1

I want to do some basic hebrew stemming.

All the examples of custom analyzers I could find always merge other analyzers and and filters but never do any string level processing themselves.

What do I have to do for example if I want to create an analyzer that for each term in the stream it gets, emits either one or two terms by the following rules: if the incoming term begins with anything other then "a" it should be passed as is. if the incoming term begins with "a" then two terms should be emmited: the original term and a second one without the leading "a" and with a lower boost.

So that if the document has "help away" it will return "help", "away", and "way^0.8".

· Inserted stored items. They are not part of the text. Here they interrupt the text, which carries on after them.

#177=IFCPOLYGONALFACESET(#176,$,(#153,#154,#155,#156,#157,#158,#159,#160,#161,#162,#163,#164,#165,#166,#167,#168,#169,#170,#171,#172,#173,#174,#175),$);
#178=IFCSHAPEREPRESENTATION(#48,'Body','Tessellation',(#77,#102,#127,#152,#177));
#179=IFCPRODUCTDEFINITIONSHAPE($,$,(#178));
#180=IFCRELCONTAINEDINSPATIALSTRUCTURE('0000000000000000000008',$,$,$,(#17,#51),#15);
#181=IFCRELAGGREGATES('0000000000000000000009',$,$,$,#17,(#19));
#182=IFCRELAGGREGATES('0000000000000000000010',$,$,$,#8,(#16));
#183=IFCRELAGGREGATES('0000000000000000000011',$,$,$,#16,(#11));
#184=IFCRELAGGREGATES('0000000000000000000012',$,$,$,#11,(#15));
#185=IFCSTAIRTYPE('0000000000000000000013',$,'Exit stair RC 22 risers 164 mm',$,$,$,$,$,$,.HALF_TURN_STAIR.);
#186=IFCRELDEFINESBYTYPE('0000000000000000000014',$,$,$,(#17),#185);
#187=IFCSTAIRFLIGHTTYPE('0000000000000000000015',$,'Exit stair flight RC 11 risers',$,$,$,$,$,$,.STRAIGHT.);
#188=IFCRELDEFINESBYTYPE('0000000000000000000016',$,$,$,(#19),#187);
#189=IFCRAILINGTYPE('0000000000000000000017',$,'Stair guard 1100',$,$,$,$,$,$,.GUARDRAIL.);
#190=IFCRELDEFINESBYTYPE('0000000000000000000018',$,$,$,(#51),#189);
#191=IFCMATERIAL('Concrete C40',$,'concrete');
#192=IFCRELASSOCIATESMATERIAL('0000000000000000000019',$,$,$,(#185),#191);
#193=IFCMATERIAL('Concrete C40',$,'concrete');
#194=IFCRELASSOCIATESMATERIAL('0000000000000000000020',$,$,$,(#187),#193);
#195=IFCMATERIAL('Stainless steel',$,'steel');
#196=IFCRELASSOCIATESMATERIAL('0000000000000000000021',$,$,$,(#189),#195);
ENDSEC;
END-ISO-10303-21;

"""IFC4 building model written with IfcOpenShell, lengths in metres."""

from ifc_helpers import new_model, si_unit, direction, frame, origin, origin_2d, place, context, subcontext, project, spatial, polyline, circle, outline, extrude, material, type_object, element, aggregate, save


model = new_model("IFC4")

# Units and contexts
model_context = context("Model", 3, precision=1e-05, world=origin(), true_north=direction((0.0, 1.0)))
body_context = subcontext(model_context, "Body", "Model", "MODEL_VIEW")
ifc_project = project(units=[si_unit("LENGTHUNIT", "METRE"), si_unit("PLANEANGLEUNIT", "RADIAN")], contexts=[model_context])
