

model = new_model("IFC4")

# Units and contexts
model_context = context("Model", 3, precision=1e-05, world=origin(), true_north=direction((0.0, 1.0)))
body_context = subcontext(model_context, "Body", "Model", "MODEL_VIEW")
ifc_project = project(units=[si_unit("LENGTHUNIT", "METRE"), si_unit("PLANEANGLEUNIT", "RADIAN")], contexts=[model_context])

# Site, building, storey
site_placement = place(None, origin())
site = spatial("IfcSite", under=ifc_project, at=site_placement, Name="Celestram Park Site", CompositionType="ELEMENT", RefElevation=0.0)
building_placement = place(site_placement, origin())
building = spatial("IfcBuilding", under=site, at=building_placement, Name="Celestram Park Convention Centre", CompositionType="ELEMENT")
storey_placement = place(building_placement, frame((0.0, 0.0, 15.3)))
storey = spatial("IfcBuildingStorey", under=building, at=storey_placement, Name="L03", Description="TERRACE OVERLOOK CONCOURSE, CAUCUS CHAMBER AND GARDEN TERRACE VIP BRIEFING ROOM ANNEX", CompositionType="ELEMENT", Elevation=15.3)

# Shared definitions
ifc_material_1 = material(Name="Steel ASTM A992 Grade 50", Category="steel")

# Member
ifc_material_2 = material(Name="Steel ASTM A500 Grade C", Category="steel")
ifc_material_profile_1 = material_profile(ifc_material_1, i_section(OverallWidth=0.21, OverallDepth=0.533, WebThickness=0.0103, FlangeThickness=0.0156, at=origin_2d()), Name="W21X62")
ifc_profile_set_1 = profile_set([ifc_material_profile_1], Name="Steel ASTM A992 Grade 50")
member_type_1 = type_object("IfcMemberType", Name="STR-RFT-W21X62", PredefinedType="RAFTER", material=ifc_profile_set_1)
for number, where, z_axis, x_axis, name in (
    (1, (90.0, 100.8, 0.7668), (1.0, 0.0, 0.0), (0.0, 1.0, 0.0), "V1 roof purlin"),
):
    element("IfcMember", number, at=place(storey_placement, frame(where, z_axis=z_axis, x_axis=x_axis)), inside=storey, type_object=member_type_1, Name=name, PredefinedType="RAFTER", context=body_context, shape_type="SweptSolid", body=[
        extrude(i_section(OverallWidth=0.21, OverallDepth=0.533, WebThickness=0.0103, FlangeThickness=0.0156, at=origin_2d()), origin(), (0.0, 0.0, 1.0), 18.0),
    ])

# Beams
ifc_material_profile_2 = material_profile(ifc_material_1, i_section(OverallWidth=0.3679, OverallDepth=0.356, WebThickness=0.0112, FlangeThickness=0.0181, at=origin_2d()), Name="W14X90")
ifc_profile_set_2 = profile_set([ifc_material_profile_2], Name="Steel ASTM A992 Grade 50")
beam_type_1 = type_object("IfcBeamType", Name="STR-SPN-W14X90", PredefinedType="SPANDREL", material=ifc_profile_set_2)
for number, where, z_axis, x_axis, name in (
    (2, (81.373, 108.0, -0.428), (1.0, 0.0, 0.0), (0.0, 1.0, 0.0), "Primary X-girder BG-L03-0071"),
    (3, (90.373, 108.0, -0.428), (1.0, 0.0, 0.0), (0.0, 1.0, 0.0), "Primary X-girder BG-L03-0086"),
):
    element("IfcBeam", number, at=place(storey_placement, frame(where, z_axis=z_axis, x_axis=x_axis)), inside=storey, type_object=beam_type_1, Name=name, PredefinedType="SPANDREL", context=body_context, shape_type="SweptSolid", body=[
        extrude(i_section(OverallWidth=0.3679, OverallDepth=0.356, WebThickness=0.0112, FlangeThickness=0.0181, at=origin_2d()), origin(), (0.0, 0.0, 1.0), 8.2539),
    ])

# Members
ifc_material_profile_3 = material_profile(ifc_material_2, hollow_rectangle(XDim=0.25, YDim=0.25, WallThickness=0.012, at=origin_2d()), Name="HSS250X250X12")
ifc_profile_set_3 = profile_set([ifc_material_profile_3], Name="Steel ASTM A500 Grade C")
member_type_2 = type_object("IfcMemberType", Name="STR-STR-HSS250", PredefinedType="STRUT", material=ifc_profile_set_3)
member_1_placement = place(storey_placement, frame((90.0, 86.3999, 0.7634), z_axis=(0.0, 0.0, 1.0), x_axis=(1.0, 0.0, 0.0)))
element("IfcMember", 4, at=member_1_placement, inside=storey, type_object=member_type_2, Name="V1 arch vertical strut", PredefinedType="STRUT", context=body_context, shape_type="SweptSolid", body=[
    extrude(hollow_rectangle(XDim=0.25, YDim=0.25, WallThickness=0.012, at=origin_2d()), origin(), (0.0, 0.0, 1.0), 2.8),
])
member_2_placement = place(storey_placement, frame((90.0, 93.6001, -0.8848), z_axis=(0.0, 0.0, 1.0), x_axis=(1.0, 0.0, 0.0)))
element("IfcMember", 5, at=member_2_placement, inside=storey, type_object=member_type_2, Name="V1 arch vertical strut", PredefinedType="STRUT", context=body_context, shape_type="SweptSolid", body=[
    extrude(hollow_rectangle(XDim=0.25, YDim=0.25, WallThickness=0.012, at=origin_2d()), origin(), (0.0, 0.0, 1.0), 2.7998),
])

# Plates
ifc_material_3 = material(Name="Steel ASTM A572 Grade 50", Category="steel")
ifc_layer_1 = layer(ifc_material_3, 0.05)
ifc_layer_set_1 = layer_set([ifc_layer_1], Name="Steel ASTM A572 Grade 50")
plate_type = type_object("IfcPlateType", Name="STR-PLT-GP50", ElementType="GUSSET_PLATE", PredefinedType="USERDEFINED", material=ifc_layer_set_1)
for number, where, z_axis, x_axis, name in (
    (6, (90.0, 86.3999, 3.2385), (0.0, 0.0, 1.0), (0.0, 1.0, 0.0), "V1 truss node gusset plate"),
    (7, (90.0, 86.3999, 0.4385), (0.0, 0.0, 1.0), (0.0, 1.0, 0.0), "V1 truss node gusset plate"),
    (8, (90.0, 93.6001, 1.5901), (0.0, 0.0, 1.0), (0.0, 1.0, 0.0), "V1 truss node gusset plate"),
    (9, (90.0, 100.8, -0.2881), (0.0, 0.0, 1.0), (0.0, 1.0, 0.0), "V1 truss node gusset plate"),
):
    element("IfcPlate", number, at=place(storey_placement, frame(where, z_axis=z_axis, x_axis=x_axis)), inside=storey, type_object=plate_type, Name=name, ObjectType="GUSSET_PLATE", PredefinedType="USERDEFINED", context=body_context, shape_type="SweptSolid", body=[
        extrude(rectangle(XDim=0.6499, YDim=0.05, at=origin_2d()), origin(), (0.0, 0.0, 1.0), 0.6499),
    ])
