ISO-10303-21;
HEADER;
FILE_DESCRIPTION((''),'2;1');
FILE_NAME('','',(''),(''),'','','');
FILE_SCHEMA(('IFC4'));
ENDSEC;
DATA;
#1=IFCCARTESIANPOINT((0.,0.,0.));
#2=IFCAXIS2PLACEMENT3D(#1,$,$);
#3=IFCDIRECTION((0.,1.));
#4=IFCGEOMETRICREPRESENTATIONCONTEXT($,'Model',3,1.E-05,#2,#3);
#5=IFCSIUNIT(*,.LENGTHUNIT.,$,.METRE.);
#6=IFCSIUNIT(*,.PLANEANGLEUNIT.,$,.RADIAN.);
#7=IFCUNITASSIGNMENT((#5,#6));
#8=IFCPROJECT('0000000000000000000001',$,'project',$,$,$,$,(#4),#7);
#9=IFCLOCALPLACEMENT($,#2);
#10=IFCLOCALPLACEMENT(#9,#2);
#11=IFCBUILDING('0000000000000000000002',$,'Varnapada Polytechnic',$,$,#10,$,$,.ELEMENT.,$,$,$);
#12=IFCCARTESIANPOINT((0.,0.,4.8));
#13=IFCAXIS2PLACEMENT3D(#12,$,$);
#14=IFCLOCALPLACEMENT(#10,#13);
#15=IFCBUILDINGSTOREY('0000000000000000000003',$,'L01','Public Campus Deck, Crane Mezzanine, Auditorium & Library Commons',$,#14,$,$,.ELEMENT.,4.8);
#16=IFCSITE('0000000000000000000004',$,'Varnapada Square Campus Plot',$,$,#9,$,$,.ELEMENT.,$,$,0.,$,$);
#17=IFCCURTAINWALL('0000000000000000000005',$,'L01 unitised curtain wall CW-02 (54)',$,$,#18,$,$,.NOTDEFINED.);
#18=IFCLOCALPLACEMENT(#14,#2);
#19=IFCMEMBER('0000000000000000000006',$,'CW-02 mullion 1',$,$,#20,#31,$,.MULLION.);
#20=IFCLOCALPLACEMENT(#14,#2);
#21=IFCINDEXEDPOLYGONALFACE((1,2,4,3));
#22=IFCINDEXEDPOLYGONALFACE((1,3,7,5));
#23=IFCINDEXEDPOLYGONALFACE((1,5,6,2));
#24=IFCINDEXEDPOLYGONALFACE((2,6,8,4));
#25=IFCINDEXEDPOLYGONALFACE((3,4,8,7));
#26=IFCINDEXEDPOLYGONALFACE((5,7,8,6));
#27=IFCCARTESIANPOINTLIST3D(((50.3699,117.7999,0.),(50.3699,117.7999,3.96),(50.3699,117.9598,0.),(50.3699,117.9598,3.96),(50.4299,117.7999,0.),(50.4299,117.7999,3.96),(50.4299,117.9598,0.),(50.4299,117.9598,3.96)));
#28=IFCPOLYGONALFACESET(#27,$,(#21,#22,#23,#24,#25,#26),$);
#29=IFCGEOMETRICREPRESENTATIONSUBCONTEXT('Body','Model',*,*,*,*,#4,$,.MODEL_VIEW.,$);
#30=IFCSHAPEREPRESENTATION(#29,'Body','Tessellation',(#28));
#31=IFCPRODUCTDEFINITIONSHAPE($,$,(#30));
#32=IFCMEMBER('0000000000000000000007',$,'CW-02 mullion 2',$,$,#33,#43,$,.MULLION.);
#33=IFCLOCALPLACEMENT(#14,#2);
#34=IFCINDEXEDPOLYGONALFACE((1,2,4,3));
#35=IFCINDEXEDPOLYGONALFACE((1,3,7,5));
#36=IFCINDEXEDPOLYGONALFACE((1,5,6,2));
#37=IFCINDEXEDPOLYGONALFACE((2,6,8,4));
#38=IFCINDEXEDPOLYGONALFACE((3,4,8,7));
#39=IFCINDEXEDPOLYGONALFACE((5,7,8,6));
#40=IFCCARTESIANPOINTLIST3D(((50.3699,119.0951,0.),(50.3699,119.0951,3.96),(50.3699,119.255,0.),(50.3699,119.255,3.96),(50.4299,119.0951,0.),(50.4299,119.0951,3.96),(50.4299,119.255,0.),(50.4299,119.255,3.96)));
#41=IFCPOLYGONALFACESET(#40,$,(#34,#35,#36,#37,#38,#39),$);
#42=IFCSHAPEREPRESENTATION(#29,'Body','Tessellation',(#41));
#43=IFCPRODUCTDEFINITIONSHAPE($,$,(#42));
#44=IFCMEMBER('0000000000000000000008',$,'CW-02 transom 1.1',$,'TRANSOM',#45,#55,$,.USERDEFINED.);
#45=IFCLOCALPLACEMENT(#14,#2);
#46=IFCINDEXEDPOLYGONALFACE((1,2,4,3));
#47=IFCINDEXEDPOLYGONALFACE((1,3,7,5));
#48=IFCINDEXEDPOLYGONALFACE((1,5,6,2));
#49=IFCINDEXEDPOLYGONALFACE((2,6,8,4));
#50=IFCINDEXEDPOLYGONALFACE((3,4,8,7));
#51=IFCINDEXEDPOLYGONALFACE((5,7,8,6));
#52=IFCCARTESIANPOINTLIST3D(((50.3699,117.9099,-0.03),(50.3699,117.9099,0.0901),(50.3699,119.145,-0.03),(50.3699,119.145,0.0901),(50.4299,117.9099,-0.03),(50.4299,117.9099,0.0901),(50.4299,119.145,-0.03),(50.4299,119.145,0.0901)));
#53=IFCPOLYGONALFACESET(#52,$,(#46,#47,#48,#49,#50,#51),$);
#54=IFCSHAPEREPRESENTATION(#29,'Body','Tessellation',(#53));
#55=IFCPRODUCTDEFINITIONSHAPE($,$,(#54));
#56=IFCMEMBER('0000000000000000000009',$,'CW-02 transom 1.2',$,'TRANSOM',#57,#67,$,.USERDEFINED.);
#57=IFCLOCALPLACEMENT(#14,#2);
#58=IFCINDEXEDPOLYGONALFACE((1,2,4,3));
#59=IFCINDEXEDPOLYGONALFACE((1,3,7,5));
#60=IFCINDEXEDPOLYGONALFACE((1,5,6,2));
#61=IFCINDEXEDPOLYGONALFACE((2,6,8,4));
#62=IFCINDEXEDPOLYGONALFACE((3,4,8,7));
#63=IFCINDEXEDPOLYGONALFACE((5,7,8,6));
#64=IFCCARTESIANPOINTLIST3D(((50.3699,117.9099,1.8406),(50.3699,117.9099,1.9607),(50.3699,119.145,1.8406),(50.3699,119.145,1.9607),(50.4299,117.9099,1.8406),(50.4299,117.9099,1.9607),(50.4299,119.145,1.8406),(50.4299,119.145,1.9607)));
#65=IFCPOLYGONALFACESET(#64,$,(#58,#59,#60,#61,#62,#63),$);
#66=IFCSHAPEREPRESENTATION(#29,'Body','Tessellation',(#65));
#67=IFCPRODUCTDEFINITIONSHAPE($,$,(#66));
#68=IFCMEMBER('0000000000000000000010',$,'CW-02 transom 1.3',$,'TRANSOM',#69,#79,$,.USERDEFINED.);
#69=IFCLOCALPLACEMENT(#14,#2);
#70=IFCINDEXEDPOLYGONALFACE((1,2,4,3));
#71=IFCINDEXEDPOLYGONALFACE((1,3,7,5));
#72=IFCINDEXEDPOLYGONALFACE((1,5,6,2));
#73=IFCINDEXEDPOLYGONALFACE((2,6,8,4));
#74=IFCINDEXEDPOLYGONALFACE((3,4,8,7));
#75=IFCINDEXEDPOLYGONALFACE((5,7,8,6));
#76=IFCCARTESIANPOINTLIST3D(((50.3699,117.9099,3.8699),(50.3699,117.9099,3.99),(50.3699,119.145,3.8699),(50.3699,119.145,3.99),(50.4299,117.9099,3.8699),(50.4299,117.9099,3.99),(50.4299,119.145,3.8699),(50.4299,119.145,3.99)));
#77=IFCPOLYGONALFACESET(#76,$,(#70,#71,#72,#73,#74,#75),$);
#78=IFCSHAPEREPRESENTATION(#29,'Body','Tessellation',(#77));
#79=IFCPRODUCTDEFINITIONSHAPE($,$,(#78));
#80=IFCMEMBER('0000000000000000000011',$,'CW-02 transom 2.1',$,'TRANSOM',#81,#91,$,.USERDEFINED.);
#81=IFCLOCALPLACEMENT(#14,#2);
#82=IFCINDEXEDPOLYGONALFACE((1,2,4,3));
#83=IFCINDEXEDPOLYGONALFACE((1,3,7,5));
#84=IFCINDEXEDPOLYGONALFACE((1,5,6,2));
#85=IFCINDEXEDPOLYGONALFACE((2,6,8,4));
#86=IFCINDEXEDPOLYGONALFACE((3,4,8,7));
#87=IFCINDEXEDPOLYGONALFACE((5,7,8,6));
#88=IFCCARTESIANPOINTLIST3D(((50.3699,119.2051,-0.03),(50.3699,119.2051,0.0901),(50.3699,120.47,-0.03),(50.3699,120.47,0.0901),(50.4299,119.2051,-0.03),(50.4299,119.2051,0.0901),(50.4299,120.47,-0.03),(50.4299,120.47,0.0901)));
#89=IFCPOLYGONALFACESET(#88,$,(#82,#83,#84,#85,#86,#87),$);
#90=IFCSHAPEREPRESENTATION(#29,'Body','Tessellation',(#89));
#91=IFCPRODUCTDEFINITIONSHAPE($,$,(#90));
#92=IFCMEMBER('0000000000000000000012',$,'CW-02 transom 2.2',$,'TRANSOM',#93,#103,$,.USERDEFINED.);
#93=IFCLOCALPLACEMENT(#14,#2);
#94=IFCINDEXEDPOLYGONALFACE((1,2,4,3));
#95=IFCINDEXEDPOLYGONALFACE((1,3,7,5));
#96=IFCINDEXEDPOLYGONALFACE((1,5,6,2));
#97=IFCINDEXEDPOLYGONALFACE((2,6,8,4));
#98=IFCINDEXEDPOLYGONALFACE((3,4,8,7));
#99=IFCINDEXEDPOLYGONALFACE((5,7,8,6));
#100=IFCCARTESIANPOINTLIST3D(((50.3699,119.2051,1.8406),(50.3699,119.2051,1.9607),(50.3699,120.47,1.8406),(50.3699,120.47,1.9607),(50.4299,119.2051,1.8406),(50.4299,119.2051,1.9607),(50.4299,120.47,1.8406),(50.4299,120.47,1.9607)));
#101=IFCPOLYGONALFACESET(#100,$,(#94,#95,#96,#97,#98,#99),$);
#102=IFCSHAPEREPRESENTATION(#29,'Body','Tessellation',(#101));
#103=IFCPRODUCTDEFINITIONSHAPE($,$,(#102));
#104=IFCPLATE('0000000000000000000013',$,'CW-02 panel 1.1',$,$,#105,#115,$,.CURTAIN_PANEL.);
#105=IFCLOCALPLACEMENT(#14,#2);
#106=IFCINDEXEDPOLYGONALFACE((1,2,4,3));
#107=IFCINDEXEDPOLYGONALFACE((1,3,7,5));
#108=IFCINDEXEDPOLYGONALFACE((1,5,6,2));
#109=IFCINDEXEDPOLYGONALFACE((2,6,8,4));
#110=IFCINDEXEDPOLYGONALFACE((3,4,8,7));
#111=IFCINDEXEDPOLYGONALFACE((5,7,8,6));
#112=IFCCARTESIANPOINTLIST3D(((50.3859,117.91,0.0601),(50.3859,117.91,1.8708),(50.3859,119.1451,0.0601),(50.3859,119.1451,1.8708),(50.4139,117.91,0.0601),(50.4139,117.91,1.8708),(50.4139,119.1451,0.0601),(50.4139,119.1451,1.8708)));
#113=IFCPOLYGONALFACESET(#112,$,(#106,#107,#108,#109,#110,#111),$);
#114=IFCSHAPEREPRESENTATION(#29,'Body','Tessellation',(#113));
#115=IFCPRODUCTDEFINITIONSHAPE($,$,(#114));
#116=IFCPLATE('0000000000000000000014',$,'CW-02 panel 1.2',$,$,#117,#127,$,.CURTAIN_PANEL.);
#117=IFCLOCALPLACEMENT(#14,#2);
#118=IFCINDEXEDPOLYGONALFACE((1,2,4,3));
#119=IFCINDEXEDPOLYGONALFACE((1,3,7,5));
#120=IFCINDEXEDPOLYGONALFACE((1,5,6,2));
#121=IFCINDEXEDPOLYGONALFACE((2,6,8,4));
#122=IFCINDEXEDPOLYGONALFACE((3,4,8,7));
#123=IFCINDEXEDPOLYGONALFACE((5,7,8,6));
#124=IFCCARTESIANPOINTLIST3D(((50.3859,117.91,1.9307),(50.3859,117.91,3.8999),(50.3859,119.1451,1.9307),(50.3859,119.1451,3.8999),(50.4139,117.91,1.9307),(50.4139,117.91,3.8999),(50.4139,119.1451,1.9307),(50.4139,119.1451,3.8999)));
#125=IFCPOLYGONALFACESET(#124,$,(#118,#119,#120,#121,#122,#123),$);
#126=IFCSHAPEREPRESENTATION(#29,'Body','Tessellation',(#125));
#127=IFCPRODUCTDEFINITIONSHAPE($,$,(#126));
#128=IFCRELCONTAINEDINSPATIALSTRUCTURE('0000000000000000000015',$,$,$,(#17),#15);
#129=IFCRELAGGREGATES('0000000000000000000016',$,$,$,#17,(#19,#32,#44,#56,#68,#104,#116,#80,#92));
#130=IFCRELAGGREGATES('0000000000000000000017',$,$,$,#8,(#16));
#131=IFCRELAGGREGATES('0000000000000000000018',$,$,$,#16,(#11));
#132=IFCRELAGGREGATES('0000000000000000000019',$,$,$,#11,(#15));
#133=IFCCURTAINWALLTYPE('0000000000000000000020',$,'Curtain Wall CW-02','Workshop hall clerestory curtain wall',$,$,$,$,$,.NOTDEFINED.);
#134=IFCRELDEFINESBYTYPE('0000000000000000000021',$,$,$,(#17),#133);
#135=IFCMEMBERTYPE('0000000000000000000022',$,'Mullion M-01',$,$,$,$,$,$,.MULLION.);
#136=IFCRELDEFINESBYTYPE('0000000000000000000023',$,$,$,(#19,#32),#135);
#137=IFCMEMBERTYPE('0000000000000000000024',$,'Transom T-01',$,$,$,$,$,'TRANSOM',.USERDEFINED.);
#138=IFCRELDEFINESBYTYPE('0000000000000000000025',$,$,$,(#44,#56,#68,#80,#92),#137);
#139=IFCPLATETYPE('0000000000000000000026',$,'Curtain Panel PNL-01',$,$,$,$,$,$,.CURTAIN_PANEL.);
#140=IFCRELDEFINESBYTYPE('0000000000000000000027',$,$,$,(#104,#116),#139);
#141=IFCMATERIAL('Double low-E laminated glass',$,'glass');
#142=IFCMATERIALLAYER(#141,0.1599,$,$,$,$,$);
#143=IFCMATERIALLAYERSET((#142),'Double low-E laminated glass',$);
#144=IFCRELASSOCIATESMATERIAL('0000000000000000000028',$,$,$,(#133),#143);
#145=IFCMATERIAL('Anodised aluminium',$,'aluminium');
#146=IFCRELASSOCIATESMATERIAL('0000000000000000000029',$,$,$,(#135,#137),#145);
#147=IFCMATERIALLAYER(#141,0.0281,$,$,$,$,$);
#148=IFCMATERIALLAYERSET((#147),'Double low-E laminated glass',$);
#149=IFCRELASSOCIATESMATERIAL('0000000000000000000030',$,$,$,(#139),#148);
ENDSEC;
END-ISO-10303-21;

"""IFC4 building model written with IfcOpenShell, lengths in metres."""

from ifc_helpers import new_model, si_unit, direction, frame, origin, origin_2d, place, context, subcontext, project, spatial, rectangle, extrude, material, layer, layer_set, material_profile, profile_set, type_object, element, aggregate, save


model = new_model("IFC4")

# Units and contexts
model_context = context("Model", 3, precision=1e-05, world=origin(), true_north=direction((0.0, 1.0)))
body_context = subcontext(model_context, "Body", "Model", "MODEL_VIEW")
ifc_project = project(units=[si_unit("LENGTHUNIT", "METRE"), si_unit("PLANEANGLEUNIT", "RADIAN")], contexts=[model_context])

# Site, building, storey
site_placement = place(None, origin())
site = spatial("IfcSite", under=ifc_project, at=site_placement, Name="Varnapada Square Campus Plot", CompositionType="ELEMENT", RefElevation=0.0)
building_placement = place(site_placement, origin())
building = spatial("IfcBuilding", under=site, at=building_placement, Name="Varnapada Polytechnic", CompositionType="ELEMENT")
storey_placement = place(building_placement, frame((0.0, 0.0, 4.8)))
storey = spatial("IfcBuildingStorey", under=building, at=storey_placement, Name="L01", Description="Public Campus Deck, Crane Mezzanine, Auditorium & Library Commons", CompositionType="ELEMENT", Elevation=4.8)

# Curtain wall, members, plates
ifc_material_1 = material(Name="Double low-E laminated glass", Category="glass")
ifc_layer_1 = layer(ifc_material_1, 0.1599)
ifc_layer_set_1 = layer_set([ifc_layer_1], Name="Double low-E laminated glass")
curtain_wall_type = type_object("IfcCurtainWallType", Name="Curtain Wall CW-02", Description="Workshop hall clerestory curtain wall", PredefinedType="NOTDEFINED", material=ifc_layer_set_1)
curtain_wall_placement = place(storey_placement, origin())
curtain_wall = element("IfcCurtainWall", 1, at=curtain_wall_placement, inside=storey, type_object=curtain_wall_type, Name="L01 unitised curtain wall CW-02 (54)", PredefinedType="NOTDEFINED")
ifc_material_2 = material(Name="Anodised aluminium", Category="aluminium")
ifc_material_profile_1 = material_profile(ifc_material_2, rectangle(XDim=0.0601, YDim=0.1599, at=origin_2d()), Name="ALU M60x160")
ifc_profile_set_1 = profile_set([ifc_material_profile_1], Name="Anodised aluminium")
member_type_1 = type_object("IfcMemberType", Name="Mullion M-01", PredefinedType="MULLION", material=ifc_profile_set_1)
member_1_placement = place(storey_placement, frame((50.3999, 117.8799, 0.0), z_axis=(0.0, 0.0, 1.0), x_axis=(-1.0, 0.0, 0.0)))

What methods of the analyzer should I override to do this? (A pointer to a similar nature example would be very helpful).

Thanks

Chet
  • 21,375
  • 10
  • 40
  • 58
epeleg
  • 10,347
  • 17
  • 101
  • 151

1 Answers1

1

Here's one example: http://www.java2s.com/Open-Source/Java-Document/Search-Engine/lucene/org/apache/lucene/wordnet/SynonymTokenFilter.java.htm

Briefly scanning the code, it seems it should emit additional tokens at the same position (a synonym). It does that by overriding incrementToken() which you'll have to do for your problem (maintain a stack of next tokens, returning one by one).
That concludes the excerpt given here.